Inductive Learning: Construct a classification rule in some predefined attribute language based on a training set of positive (+) and negative (-) instances.
Toy Example:Given the following inputs describing the stature,
hair color and eye color of 8 subjects, the ID3 algorithm will
generate the decision tree shown:
[1, short, blond, blue: +] [5, short, dark, blue: -] [2, tall, blond, brown: -] [6, tall, dark, blue: -] [3, tall, red, blue: +] [7, tall, blond, blue:+] [4, tall, dark, brown: -] [8, short, blond, brown: -]
The tree classifies the positive and negative examples into two categories: red heads or blue-eyed blonds (+) versus dark haired or brown-eyed blonds (-). Note that the height of these subjects is irrelevant.
No. | Risk | History | Debt | Collateral | income |
---|---|---|---|---|---|
1 | high | bad | high | none | $0-15K |
2 | high | unk | high | none | $15-35K |
3 | mod | unk | low | none | $15-35K |
4 | high | unk | low | none | $0-15K |
5 | low | unk | low | none | over $35K |
6 | low | unk | low | adequate | over $35K |
7 | high | bad | low | none | $0 to 15K |
8 | mod | bad | low | adequate | over $35K |
9 | low | good | low | none | over $35K |
10 | low | good | high | adequate | over $35K |
11 | high | good | high | none | $0 to $15K |
12 | mod | good | high | none | $15 to $35K |
13 | low | good | high | none | over $35K |
14 | high | bad | high | none | $15 to $35K |
function induce_decision_tree(Examples, Properties) { if all entries in Examples are in the same class return a leaf node labeled with that class else if Properties is empty return a leaf node labeled with disjunction of all classes in Examples else { select a property P and make it the root of the current tree delete P from Properties for each value, V, of P { create a branch labeled V let partition[V] be elements of Examples with values V for property P call induce_decision_tree(partition[V], Properties) and attach result to V } } }
As the in-class exercise reveals, if you choose a different propery as the base of the tree, you get a different tree.
Information Theory (Shannon, 1948) can be used to select the property that contributes the largest information gain as the root of each subtree.
Information Content: The amount of information in a message
is a function of the probability of the occurrence of each possible
message. Given a universe of messages M = {m1, m2, ...mn}
and a probability p(mi) for the occurence of each message,
the information content of a message in M is given by:
I(M) = Sum_from_1_to_n[-p(mi)log2(p(mi))]
Information content is measured in bits, but this is not the same notion of bit as in binary digit.
Coin Toss Example. The amount of information in a fair coin toss is
I(fair_coin) = -p(heads)log2(p(heads)) - p(tails)log2(p(tails))
= -1/2log2(1/2) - p(1/2)log2(1/2)) = 1 bit
Unfair Coin Toss. The amount of information for an unfair coin where
the coin has a 75% chance of being heads would be:
I(unfair_coin) = -3/4log2(3/4) - p(1/4)log2(1/4)) = 0.811 bits
Because knowledge would enable you to bet correctly 3/4 of the time, a message about the outcome of a given toss is worth less than a message about the outcome of a given toss of a fair coin.
Rule: At each level of the tree, choose the property that maximizes information gain.
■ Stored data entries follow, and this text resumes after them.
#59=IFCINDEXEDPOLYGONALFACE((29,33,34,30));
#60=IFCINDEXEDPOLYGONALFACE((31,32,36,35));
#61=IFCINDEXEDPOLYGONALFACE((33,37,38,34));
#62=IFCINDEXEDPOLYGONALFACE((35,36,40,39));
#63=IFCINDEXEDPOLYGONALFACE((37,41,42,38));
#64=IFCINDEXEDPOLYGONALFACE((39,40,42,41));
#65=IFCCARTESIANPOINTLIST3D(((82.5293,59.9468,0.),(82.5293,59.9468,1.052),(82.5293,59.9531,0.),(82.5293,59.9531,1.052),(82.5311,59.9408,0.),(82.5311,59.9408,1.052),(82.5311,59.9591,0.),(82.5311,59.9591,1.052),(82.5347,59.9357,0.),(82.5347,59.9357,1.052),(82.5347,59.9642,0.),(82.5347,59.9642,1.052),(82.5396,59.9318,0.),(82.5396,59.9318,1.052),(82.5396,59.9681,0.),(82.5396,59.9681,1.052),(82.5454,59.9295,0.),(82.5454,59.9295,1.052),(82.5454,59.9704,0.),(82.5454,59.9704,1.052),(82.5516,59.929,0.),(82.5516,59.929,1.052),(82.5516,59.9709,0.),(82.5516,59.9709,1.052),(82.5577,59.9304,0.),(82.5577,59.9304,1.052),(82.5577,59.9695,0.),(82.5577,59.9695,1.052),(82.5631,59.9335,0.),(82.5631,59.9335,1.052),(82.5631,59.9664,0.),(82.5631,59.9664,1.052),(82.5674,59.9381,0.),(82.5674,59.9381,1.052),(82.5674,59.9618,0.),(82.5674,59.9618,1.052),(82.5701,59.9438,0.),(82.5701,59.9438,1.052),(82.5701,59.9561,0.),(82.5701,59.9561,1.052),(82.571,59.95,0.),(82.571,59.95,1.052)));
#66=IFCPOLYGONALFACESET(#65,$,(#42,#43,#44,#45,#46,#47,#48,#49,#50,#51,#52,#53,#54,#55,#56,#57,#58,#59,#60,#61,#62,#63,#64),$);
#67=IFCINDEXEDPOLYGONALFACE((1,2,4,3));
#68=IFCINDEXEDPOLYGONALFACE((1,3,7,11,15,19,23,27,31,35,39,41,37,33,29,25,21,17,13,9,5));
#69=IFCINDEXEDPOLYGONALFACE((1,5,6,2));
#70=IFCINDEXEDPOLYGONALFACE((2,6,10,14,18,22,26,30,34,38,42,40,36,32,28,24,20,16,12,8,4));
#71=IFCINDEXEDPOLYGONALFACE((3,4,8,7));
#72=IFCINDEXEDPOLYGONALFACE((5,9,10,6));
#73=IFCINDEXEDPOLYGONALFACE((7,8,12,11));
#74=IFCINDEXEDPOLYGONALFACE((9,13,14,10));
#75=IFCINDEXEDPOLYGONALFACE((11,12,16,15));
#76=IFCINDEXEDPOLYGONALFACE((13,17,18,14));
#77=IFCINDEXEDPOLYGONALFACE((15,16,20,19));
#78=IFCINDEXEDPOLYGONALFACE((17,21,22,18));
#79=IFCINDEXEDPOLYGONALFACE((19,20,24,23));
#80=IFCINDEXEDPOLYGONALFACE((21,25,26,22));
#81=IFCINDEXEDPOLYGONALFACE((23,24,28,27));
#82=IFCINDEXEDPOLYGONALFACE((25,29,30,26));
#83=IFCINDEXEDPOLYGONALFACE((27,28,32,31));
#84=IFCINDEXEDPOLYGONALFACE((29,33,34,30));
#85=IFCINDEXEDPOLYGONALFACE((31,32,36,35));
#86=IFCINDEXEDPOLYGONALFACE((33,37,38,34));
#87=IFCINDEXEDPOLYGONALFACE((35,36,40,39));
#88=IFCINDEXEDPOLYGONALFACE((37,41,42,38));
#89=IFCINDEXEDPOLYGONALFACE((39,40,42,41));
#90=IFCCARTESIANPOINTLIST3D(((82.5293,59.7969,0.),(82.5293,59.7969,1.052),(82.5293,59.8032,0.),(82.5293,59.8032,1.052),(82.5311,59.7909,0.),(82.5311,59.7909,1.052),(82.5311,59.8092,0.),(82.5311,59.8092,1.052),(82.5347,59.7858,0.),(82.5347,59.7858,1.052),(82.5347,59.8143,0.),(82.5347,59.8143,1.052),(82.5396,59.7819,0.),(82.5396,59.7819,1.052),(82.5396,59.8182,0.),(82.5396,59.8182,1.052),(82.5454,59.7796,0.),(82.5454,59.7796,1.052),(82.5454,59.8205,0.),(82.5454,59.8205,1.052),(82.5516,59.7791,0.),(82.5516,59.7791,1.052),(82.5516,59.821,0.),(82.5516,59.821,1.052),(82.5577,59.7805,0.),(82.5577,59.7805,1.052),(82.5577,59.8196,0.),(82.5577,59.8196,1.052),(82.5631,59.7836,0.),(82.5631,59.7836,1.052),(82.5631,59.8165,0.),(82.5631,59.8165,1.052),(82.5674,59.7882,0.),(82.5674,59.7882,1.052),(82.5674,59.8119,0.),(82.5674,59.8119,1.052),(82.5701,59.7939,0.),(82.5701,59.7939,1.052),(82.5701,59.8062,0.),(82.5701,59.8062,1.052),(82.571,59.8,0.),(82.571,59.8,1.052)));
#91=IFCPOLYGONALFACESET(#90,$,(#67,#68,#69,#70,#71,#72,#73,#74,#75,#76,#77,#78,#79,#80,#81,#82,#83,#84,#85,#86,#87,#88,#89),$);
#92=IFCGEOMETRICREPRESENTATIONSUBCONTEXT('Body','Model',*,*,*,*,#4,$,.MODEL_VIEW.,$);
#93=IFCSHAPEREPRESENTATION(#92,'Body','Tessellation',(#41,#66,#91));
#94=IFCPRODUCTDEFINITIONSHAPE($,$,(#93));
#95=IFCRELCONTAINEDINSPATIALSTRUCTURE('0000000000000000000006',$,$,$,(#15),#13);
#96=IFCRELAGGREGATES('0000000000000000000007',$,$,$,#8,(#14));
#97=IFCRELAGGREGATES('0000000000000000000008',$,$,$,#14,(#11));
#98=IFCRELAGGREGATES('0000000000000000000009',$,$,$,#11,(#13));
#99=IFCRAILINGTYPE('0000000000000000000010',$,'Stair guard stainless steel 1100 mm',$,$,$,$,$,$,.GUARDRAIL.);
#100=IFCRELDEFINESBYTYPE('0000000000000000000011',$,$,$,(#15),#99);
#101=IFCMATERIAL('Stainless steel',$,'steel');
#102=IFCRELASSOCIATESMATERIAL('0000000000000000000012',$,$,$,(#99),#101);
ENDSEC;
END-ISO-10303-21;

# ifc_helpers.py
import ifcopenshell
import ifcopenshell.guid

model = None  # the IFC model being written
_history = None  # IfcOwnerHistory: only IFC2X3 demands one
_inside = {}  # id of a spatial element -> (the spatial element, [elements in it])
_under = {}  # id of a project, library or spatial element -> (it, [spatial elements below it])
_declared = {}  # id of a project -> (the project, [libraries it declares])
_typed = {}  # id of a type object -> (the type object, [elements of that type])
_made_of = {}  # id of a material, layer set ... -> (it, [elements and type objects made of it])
We won't go into the details of computing information gain, other
than to say that for the root of the tree, the information gain for
property P is the difference between the total amount of information
in the tree and the expected gain of information for that property:
gain(P) = I(Credit_Risk_Table) - E(P)
The results for the Credit Risk Problem are:
Property | Information Gain |
---|---|
Income | 0.967 bits |
Credit History | 0.266 bits |
Debt | 0.581 bits |
Collateral | 0.756 bits |
Given these values, we would choose Income as the root property. And reapply this algorithm for each subsequent level. This leads to much smaller decision tree than our original tree for the Credit History Problem.
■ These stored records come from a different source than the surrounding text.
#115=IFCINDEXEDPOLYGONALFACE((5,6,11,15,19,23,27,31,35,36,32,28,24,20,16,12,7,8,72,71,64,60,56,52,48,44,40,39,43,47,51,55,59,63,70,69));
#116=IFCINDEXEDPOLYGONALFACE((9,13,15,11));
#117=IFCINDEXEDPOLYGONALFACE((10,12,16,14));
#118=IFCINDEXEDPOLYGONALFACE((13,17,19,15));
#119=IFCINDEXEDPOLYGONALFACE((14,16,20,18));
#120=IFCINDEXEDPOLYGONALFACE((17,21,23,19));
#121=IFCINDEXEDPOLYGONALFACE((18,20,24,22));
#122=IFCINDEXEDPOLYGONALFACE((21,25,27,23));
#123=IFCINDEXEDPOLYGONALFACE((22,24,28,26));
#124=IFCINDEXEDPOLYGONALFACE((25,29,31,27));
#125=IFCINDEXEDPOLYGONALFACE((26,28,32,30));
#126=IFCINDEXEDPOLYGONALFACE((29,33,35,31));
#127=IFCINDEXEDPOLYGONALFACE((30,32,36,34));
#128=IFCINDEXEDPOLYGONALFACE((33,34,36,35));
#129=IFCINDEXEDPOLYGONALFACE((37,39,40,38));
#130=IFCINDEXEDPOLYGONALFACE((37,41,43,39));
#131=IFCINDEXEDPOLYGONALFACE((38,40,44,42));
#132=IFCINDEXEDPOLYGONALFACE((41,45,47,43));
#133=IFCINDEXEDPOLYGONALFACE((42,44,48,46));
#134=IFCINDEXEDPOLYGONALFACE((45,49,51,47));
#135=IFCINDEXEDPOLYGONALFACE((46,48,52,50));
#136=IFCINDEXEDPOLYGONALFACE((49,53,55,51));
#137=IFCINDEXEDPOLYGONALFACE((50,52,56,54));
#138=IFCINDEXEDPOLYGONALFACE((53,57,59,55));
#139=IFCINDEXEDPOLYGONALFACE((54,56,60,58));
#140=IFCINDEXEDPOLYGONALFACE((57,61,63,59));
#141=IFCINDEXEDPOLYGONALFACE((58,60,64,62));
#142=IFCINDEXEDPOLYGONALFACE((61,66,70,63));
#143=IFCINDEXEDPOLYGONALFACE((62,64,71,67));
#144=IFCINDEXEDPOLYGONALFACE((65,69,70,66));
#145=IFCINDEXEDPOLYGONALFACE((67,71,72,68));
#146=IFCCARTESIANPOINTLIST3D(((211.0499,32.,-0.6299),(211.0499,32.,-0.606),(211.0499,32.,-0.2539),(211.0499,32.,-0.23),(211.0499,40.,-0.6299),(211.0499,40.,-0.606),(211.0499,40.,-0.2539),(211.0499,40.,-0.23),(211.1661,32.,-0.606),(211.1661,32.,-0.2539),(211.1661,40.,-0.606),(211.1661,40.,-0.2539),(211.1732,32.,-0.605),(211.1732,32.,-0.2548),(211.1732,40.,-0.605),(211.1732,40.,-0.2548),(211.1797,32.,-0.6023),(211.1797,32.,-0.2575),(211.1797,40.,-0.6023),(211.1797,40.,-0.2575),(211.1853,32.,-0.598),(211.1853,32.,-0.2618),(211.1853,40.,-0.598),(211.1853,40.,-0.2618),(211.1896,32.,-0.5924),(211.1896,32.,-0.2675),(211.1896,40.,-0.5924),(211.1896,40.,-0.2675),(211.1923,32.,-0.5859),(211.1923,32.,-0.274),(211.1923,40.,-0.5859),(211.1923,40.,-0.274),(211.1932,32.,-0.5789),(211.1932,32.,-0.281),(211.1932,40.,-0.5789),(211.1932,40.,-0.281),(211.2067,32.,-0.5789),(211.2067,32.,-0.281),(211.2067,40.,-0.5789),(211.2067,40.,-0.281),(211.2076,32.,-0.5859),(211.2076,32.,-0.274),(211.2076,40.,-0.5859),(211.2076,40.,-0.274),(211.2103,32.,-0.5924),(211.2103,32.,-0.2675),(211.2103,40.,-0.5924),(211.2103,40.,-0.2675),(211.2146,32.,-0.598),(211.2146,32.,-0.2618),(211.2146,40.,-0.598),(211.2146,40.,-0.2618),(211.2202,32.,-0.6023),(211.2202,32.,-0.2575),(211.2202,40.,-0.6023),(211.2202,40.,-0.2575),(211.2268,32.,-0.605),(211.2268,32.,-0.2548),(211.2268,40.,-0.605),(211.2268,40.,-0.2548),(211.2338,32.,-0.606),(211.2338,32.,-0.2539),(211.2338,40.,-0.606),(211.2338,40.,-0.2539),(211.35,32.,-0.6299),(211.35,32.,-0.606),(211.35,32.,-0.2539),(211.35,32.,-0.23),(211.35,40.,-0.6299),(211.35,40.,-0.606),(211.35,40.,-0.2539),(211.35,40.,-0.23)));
There were 23 Primitive attributes such as inability to move the king safely.
Training Set Size | % of Universe | Errors in 10,000 Trials | Predicted Errors |
---|---|---|---|
200 | 0.01 | 199 | 728 |
1,000 | 0.07 | 33 | 146 |
5,000 | 0.36 | 8 | 29 |
25,000 | 1.79 | 6 | 7 |
125,000 | 8.93 | 2 | 1 |
Quinlan's C4.5 (1996) is a refinement of ID3 that addresses some of these issues.